The rooftop is one of the loveliest in Marrakech, home to a lively restaurant and bar with eye-popping views of the medina, surrounding minarets and, on a clear day, the Atlas Mountains. And the El Fenn boutique, with red walls, backgammon-esque black-and-white tiled floor and spiral staircase up to the roof, is filled with kaftans, cushions and other things of beauty that will let guests take a bit of El Fenn design inspiration back home. 

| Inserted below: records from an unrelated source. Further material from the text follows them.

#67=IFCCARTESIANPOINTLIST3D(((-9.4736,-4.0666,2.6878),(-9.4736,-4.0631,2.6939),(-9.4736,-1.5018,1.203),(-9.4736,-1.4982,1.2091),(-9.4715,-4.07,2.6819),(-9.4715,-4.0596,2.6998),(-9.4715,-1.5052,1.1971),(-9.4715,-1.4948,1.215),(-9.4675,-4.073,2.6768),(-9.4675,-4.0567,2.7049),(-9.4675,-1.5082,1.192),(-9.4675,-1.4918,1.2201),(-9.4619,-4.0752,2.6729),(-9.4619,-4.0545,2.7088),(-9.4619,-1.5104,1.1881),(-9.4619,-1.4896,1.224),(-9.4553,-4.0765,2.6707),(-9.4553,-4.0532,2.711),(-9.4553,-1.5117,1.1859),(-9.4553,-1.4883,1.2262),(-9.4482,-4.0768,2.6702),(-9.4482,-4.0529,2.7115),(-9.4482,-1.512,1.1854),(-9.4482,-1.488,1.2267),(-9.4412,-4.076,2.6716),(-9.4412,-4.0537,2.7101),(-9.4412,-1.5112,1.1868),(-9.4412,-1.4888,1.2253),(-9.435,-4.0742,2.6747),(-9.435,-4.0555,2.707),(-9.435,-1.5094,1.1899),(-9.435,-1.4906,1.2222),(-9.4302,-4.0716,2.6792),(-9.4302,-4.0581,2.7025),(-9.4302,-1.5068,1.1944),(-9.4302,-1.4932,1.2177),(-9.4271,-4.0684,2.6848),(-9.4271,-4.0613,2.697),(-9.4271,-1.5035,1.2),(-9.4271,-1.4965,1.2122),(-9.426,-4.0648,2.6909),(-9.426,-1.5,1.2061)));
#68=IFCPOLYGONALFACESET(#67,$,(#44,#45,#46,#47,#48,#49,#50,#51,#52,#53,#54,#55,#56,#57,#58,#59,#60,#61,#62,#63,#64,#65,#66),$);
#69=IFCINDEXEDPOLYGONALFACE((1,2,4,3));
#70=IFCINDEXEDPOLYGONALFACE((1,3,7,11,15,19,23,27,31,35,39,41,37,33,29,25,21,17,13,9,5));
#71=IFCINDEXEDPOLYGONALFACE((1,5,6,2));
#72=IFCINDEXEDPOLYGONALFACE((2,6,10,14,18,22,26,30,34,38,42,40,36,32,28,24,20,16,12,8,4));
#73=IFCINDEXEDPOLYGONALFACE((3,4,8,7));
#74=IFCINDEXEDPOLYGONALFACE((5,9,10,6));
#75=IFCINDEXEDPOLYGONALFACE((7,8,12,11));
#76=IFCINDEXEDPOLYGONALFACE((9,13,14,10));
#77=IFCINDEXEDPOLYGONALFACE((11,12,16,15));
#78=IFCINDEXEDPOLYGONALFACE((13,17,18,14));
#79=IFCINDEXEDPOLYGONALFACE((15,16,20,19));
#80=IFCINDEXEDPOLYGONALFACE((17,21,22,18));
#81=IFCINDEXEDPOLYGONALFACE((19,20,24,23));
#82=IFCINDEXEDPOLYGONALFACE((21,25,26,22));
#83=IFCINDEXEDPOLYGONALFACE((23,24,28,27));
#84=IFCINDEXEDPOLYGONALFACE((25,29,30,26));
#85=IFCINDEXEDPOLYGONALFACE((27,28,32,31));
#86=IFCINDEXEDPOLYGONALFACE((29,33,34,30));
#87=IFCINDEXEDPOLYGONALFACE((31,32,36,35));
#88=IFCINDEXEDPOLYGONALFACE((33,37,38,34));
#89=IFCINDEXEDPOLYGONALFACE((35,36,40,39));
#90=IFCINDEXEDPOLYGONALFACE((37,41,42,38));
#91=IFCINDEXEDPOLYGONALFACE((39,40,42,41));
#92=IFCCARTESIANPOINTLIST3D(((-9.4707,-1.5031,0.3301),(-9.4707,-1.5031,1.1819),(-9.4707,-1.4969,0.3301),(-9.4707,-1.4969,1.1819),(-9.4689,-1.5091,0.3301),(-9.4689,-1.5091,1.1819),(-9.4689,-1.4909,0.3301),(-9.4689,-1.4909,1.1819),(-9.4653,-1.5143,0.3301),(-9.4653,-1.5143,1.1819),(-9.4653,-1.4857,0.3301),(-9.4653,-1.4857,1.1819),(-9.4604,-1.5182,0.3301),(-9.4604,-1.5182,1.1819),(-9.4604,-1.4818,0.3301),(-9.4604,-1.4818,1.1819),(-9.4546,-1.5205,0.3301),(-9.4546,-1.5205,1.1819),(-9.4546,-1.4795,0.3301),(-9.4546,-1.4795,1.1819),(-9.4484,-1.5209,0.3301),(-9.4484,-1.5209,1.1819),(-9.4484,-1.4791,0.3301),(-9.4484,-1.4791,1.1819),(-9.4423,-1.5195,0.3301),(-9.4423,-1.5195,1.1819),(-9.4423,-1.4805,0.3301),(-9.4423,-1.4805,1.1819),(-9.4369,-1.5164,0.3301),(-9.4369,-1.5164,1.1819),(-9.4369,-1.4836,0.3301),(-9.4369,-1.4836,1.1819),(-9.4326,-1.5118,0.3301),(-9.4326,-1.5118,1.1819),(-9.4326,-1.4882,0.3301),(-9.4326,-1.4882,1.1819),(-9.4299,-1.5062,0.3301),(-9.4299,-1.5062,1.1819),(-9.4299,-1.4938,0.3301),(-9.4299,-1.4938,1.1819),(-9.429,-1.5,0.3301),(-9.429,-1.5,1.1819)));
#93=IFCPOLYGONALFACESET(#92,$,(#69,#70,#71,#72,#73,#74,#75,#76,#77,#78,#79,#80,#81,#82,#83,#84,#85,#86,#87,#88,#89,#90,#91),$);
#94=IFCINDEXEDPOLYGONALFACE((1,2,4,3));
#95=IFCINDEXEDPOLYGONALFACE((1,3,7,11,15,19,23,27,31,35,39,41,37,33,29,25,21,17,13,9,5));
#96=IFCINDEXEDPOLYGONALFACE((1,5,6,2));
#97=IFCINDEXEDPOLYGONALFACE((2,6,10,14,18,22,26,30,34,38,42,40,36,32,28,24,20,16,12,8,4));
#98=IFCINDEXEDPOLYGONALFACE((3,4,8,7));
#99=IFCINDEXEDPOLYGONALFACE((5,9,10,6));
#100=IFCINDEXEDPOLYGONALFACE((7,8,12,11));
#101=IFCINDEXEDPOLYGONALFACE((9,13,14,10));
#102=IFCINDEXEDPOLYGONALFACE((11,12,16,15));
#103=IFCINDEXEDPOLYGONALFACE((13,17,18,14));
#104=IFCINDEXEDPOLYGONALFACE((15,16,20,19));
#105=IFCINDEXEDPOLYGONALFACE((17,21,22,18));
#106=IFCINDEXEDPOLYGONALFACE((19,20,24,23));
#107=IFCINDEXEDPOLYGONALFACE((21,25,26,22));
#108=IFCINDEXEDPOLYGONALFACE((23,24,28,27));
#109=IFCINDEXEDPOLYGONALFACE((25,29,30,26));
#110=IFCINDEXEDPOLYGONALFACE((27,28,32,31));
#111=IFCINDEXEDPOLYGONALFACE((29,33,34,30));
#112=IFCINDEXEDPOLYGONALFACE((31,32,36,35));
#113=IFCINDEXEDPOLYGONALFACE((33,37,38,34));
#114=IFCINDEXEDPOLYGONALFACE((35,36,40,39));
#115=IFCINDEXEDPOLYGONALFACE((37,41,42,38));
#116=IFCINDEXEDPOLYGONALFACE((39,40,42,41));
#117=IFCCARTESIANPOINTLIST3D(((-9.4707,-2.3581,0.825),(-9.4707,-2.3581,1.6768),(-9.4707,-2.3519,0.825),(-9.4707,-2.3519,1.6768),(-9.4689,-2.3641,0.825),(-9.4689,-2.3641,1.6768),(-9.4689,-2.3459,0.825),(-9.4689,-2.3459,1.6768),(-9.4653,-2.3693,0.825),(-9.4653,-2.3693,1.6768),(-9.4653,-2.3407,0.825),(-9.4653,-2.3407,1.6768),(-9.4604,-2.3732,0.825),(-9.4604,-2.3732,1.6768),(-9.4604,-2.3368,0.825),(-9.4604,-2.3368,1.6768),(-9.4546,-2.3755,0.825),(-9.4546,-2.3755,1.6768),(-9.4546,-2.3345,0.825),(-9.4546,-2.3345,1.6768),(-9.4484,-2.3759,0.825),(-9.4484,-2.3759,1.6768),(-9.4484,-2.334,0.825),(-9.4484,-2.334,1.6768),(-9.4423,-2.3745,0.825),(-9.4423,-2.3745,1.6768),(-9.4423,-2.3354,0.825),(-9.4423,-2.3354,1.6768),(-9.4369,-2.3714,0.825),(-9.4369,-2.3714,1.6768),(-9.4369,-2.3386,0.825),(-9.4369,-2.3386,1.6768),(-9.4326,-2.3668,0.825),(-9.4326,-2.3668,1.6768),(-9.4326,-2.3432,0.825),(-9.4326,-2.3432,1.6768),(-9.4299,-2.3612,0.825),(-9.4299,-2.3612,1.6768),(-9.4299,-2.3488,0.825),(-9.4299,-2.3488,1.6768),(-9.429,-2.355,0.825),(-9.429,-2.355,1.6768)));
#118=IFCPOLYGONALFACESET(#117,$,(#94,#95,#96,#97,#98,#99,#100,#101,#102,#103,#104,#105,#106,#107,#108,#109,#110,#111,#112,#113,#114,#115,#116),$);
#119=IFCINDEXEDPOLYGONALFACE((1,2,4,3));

But back to the new rooms. El Fenn’s owners worked with architect Sylvain Ragueneau and Moroccan craftsmen and women to give each its own completely individual identity. Expect vintage chandeliers, free-standing bathtubs and stained-glass elements, alongside the exquisite design details that are the result of incorporating generations worth of Moroccan craft heritage into the hotel. Some rooms are flooded with morning light; others receive the warm rays of the setting sun. 

“No one room resembles another,” says Branson. “Each has a different hand-crafted stucco ceiling, handmade zellige tiles and polished tadelakt plaster walls.” 

Tadelakt is what gives the new rooms their bursts of color, a type of lime plaster combined with pigments sourced in the medina that are mixed and applied by hand to the walls, then rubbed smooth with stones. A final application of olive oil soap adds the characteristic waterproof sheen. 

An atmospheric blue bathroom at El Fenn Cécile Treal/El Fenn

With Branson being a gallerist, curator and founding president of the Marrakech Biennale, it’s no surprise that the contemporary art on display at El Fenn is a major draw in itself. The collection, one of the finest in Morocco, includes works by Sir Antony Gormley, South African artist William Kentridge and Moroccan sculptor Batoul S’Himi, as well as a newly commissioned work by renowned Moroccan visual artist Hassan Hajjaj. It all comes together beautifully to create a hotel that is unlike anything else that exists in the city.

“We’ve been growing oh-so-slowly for nearly 20 years,” says Branson. “Now is the time to consolidate and concentrate on the cultural role we play in Marrakech.”

Rooms at El Fenn start at $450 per night.